Monocyte-macrophages are known to differentiate into a variety of cell types such as osteoclasts in bone, Kupffer cells in liver, dendritic cells in the immune system, and mature macrophages in a number of tissues. Furthermore, they are involved in a variety of major diseases such as inflammation, metabolic diseases, and cancer. Therefore, it appears important to clarify in which population of monocyte-macrophages Flt-1 is expressed on the cell surface and is biologically functional. In addition, because Flt-1 is a transmembrane receptor-type molecule, it seems worth examining whether it is useful as a cell surface marker for the differentiation of monocyte-macrophage lineages in FACS analysis.
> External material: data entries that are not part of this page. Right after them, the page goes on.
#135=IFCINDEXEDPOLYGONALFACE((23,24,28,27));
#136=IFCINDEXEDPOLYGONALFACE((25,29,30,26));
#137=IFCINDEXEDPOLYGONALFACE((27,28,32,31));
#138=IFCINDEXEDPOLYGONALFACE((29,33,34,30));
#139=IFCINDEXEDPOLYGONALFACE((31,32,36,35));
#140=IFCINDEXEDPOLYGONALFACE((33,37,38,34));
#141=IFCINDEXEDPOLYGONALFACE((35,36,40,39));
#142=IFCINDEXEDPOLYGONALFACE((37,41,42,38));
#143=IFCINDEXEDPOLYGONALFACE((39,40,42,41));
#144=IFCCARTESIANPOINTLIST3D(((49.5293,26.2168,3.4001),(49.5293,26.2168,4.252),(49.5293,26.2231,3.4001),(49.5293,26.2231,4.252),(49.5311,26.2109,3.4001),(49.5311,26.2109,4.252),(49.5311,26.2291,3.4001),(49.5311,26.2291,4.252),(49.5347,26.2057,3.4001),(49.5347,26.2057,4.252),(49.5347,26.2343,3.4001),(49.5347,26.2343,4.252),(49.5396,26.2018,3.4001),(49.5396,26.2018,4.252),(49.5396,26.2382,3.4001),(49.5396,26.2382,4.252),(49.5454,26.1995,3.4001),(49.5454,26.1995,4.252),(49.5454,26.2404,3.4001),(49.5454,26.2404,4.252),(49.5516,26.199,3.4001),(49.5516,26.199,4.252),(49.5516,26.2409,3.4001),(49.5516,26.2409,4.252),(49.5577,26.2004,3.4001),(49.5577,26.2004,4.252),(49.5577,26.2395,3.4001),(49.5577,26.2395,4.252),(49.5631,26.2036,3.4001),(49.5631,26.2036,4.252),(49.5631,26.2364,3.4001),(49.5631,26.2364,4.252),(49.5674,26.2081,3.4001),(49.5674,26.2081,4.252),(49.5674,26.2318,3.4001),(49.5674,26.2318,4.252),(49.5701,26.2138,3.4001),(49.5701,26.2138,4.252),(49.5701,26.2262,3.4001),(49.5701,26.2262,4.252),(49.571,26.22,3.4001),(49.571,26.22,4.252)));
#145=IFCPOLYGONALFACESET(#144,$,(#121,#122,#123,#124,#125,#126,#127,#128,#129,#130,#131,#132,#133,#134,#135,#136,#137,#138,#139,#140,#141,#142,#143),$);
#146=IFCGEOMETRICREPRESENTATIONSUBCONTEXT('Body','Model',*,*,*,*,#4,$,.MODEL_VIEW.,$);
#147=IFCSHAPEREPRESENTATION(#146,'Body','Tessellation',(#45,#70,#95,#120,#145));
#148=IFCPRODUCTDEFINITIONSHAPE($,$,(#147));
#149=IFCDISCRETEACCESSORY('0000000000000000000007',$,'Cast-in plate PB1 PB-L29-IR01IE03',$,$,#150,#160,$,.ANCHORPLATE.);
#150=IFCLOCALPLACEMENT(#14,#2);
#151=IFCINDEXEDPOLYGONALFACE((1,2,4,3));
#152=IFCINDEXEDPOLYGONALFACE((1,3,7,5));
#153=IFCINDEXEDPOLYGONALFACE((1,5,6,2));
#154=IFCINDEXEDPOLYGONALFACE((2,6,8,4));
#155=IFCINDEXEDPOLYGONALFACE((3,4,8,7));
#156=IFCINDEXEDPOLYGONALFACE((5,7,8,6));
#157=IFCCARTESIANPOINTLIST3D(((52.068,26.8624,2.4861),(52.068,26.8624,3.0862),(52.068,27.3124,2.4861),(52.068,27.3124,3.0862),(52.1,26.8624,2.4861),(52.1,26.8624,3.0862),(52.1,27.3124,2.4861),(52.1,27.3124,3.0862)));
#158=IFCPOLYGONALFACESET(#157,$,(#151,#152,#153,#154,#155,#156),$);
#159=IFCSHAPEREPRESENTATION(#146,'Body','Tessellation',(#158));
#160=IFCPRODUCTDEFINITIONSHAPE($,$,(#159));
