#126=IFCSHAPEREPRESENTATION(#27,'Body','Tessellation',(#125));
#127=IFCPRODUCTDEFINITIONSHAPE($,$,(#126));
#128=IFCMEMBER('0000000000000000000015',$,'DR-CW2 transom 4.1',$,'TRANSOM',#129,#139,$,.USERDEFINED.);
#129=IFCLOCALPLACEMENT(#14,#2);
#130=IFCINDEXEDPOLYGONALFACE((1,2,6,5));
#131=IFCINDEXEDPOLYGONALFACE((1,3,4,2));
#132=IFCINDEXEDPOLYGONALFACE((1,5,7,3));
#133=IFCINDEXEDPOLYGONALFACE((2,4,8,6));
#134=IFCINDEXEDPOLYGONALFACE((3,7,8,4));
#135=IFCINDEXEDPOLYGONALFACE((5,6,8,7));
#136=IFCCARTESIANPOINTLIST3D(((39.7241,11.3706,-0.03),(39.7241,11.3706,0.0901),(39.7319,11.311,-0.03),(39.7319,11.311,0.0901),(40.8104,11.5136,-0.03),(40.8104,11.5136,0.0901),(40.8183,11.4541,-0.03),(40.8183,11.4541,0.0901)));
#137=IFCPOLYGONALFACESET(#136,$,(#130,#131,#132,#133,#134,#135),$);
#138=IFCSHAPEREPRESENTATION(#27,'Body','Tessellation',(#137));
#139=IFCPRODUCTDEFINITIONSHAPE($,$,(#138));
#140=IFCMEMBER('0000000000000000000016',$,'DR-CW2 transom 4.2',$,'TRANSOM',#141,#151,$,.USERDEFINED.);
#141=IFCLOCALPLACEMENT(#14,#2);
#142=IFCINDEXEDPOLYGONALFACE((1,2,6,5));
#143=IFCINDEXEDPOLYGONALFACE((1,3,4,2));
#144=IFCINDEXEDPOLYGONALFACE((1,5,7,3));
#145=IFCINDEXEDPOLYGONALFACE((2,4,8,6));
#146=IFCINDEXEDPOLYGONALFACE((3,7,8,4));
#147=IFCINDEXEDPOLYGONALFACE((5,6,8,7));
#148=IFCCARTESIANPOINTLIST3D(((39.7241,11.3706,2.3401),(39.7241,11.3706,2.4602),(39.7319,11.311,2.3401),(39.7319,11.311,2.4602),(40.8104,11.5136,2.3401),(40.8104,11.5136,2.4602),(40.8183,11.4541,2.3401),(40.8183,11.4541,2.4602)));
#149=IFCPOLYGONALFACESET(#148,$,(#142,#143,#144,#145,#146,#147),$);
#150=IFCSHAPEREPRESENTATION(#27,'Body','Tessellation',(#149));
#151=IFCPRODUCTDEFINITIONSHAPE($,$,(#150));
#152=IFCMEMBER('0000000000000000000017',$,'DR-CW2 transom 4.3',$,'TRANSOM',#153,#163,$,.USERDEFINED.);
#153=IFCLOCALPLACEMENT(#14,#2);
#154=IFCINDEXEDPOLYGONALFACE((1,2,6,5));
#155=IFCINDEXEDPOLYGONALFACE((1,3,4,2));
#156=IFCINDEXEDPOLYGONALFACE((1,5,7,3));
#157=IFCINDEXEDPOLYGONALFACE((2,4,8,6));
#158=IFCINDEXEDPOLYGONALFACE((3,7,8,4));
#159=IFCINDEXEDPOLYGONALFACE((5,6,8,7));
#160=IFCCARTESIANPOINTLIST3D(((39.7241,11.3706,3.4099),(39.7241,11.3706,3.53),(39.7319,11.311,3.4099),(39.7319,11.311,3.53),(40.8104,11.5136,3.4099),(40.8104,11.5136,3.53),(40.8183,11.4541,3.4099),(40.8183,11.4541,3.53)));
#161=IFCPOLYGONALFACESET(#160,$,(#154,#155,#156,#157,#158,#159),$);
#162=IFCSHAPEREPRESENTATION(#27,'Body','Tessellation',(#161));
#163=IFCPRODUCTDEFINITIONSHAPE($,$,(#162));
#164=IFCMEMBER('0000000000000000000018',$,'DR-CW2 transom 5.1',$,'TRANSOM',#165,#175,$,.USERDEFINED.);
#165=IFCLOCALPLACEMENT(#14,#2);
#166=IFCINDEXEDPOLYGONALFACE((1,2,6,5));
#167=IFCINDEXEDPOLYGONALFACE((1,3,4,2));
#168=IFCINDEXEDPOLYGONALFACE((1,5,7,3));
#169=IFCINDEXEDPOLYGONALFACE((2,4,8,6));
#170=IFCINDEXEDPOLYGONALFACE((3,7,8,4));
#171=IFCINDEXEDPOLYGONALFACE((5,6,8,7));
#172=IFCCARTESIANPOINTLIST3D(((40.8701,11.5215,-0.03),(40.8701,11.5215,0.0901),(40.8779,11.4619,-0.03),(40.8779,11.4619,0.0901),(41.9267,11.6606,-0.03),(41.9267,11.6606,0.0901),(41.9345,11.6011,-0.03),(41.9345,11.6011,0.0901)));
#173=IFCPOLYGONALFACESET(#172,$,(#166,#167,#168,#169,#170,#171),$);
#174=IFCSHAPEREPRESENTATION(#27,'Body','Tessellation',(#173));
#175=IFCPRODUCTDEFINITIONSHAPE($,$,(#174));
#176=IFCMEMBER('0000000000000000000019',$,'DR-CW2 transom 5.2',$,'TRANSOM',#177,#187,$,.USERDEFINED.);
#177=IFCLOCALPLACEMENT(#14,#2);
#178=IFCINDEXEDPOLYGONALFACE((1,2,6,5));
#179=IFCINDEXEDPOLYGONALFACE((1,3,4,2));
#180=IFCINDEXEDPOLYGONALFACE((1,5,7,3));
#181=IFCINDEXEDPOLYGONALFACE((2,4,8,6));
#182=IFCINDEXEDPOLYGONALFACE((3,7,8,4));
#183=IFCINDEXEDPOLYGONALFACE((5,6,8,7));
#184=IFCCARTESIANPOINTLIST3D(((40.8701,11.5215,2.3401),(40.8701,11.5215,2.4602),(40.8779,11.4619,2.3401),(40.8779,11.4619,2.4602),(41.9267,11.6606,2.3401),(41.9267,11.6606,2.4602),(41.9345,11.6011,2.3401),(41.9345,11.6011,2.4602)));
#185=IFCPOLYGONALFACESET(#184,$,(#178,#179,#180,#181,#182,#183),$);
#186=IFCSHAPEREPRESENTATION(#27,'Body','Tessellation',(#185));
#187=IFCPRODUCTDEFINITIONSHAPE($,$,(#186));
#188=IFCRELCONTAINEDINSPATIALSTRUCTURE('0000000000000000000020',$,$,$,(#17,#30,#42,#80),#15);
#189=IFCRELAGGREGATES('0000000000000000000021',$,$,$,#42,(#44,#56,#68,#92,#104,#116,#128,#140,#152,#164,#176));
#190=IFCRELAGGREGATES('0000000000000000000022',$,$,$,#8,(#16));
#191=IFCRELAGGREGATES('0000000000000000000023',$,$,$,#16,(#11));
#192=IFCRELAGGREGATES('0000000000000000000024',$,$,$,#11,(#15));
To address these issues, we have established a series of mAbs against Flt-1 in humans. Here we report that Flt-1 but not KDR/Flk-1 is a novel cell surface marker for monocyte-macrophage lineages in adults and is gradually up-regulated during the differentiation and maturation of macrophages originating from the CD34+ hematopoietic progenitor cells in cord blood.

Materials and methods

Cells

The establishment of NIH 3T3 cells overexpressing either Flt-1 (VEGFR-1) or KDR/Flk-1 (VEGFR-2) was described previously.14,19 These cells were cultured in 10% calf serum containing Dulbecco modified Eagle medium (DMEM; Nissui, Tokyo, Japan) with 200 μg/mL of G-418. Human umbilical vein endothelial cells (HUVECs) were purchased from Clonetics Corp (San Diego, CA) and cultured in HuMedia-EG2 (Kurabo, Osaka, Japan). Human peripheral blood and cord blood from placenta were obtained from a healthy donor with informed consent.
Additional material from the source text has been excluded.